Graph data structures are a bit more complex. The most straightforward representation, which stores $V$ and $E$ as lists of vertices and pairs of vertices, respectively, is not computationally convenient for most purposes. For example, to determine a vertex's neighbors $N(v)$, one would need to loop through all of the edges in $E$ to find if $v$ is one of the edge's endpoints. This is an $O(|E|)$ operation, which is $O(|V|^2)$ in the worst case! Since this is a fundamental operation to most interesting operations on graphs (determining connectedness, graph search, etc) the adjacency list representation is often preferred.

Figure 2. A simple graph

The adjacency list representation stores for each vertex $v$ the list of its neighbors $N(v)$. Specifically, if we were to number the $n\equiv |V|$ vertices as $0,1,\ldots,n-1$ (assuming 0-based indexing in the programming language), the adjacency list representation stores a nested list edges$[0], \ldots,$ edges$[n-1]$ where each edges$[i]$ is a list of vertex indices in $\{ 0,\ldots,n-1 \}$. The code below illustrates this for a simple graph shown in Fig. 2.

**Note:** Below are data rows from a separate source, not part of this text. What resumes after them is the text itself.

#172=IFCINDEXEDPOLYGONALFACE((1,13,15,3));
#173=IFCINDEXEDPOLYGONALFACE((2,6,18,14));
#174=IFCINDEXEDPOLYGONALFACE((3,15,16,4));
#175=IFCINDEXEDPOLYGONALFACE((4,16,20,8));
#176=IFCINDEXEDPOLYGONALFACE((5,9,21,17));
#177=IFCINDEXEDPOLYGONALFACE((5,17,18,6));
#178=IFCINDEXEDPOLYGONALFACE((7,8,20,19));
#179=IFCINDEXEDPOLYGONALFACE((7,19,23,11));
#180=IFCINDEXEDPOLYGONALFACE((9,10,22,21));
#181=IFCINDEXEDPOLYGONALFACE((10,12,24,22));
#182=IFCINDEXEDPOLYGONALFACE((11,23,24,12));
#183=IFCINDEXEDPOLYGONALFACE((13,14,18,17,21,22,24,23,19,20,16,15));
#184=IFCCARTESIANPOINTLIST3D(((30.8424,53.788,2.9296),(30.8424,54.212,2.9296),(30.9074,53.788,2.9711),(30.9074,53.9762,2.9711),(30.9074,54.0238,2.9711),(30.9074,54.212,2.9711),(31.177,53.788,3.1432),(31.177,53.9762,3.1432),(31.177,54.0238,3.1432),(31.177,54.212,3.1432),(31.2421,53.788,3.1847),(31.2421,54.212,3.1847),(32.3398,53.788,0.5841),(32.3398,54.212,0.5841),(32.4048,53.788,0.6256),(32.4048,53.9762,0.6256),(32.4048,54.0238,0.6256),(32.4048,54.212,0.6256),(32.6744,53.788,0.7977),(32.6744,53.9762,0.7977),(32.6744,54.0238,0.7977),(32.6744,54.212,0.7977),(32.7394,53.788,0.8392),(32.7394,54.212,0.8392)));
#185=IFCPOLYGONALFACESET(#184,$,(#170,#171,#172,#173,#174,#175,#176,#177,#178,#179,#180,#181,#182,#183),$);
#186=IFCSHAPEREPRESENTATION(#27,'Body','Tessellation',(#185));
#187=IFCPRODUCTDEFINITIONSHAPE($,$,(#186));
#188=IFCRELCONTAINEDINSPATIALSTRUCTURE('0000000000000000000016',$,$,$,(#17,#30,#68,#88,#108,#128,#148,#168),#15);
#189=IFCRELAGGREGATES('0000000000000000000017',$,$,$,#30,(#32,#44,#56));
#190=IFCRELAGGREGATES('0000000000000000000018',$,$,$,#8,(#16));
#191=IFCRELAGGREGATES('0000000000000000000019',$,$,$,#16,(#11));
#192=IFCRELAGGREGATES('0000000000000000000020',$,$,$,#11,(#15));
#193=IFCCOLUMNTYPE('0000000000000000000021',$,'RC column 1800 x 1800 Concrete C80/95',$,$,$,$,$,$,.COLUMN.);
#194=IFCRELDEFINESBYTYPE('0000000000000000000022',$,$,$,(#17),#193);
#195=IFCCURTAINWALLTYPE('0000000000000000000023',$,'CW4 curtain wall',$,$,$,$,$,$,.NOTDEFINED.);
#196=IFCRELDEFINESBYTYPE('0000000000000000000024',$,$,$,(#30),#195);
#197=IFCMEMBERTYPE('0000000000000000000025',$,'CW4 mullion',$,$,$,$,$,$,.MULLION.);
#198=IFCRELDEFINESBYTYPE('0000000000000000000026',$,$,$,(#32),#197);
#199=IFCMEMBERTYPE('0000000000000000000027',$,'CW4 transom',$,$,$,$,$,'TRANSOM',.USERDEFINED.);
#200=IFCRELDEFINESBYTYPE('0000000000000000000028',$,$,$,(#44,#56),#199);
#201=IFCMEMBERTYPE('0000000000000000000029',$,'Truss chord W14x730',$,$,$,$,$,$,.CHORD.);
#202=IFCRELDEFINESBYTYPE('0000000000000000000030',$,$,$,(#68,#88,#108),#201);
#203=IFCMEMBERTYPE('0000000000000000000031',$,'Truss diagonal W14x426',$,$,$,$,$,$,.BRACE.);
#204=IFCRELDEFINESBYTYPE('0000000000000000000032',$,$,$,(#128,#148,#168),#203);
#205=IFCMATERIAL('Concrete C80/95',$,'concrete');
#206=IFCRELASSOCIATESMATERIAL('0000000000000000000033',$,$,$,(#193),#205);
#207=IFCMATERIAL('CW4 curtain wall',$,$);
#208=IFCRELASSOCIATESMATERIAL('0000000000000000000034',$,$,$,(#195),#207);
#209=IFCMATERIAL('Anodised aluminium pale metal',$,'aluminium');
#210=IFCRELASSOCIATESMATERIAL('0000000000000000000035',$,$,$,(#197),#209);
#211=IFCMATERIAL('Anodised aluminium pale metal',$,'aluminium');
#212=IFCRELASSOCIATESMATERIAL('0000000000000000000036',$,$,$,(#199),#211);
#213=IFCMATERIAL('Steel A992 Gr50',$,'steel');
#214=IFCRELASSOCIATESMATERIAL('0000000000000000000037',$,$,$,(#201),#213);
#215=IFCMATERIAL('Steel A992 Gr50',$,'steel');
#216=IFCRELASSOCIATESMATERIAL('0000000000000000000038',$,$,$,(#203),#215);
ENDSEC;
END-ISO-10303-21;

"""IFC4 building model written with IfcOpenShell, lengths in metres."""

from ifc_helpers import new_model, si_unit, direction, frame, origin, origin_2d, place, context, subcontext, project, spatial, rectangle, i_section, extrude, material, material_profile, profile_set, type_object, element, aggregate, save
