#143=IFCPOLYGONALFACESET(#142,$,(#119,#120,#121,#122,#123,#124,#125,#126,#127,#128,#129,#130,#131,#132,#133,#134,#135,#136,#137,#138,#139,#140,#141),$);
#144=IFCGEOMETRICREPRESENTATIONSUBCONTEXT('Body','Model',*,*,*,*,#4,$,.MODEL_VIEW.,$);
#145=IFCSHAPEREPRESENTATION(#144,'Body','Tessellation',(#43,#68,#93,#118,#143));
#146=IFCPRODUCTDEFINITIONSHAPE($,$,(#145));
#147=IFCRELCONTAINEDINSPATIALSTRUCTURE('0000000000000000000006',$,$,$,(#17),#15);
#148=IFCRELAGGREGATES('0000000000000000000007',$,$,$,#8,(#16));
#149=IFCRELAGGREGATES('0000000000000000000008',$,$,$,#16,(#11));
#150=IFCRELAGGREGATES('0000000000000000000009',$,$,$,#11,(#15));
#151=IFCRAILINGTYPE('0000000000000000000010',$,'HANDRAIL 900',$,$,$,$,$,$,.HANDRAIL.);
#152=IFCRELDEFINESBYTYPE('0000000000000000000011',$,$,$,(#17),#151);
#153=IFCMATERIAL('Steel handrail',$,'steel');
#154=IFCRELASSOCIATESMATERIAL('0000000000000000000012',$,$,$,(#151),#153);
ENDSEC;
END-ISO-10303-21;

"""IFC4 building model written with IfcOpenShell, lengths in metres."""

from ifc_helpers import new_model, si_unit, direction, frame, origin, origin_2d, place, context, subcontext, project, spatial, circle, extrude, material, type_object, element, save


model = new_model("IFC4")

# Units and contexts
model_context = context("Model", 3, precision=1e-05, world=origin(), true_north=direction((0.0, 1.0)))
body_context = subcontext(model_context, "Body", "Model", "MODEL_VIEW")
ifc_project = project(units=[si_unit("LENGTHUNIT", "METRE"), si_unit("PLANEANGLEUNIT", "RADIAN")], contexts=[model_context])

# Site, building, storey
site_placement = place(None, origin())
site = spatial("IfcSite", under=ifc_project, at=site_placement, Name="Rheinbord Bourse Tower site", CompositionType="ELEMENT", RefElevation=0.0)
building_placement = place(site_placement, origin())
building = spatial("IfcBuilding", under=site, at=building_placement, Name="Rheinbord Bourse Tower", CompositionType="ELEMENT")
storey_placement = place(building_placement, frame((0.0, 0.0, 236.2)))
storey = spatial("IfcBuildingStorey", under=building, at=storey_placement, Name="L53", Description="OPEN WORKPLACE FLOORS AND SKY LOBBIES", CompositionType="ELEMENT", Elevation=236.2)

data = ['A','B','C','D'] #vertex names
edges = [[1,2],#indices of neighbors of 'A'
[3],  #indices of neighbors of 'B'
[3],  #indices of neighbors of 'C'
[]]   #indices of neighbors of 'D'


Any application-specific data associated with vertices is stored as an auxiliary array data$[0], \ldots,$ data$[n-1]$. The main disadvantage of this representation is that identifying whether an edge exists requires iterating through the adjacency list of the edge's tail.

The alternative adjacency matrix representation is useful for a number of operations, such as determining whether an edge exists in the graph and various graph-theoretic operations. This represents the edges of a graph as an $n \times n$ array such that edges$[i,j]$ is 1 if there is an edge in $E$ from the vertex indexed by $i$ to the vertex indexed by $j$, and 0 otherwise. Again we are assuming 0-based indexing. the matrix $$\begin{bmatrix} 0 & 1 & 1 & 0 \\ 0 & 0 & 0 & 1 \\ 0 & 0 & 0 & 1 \\ 0 & 0 & 0 & 0 \end{bmatrix}$$ gives the adjacency list for the graph shown in Fig. 2. The main disadvantages of this representation are that 1) it takes $n^2$ space to store, and 2) determining neighbors of a vertex requires checking $n$ entries.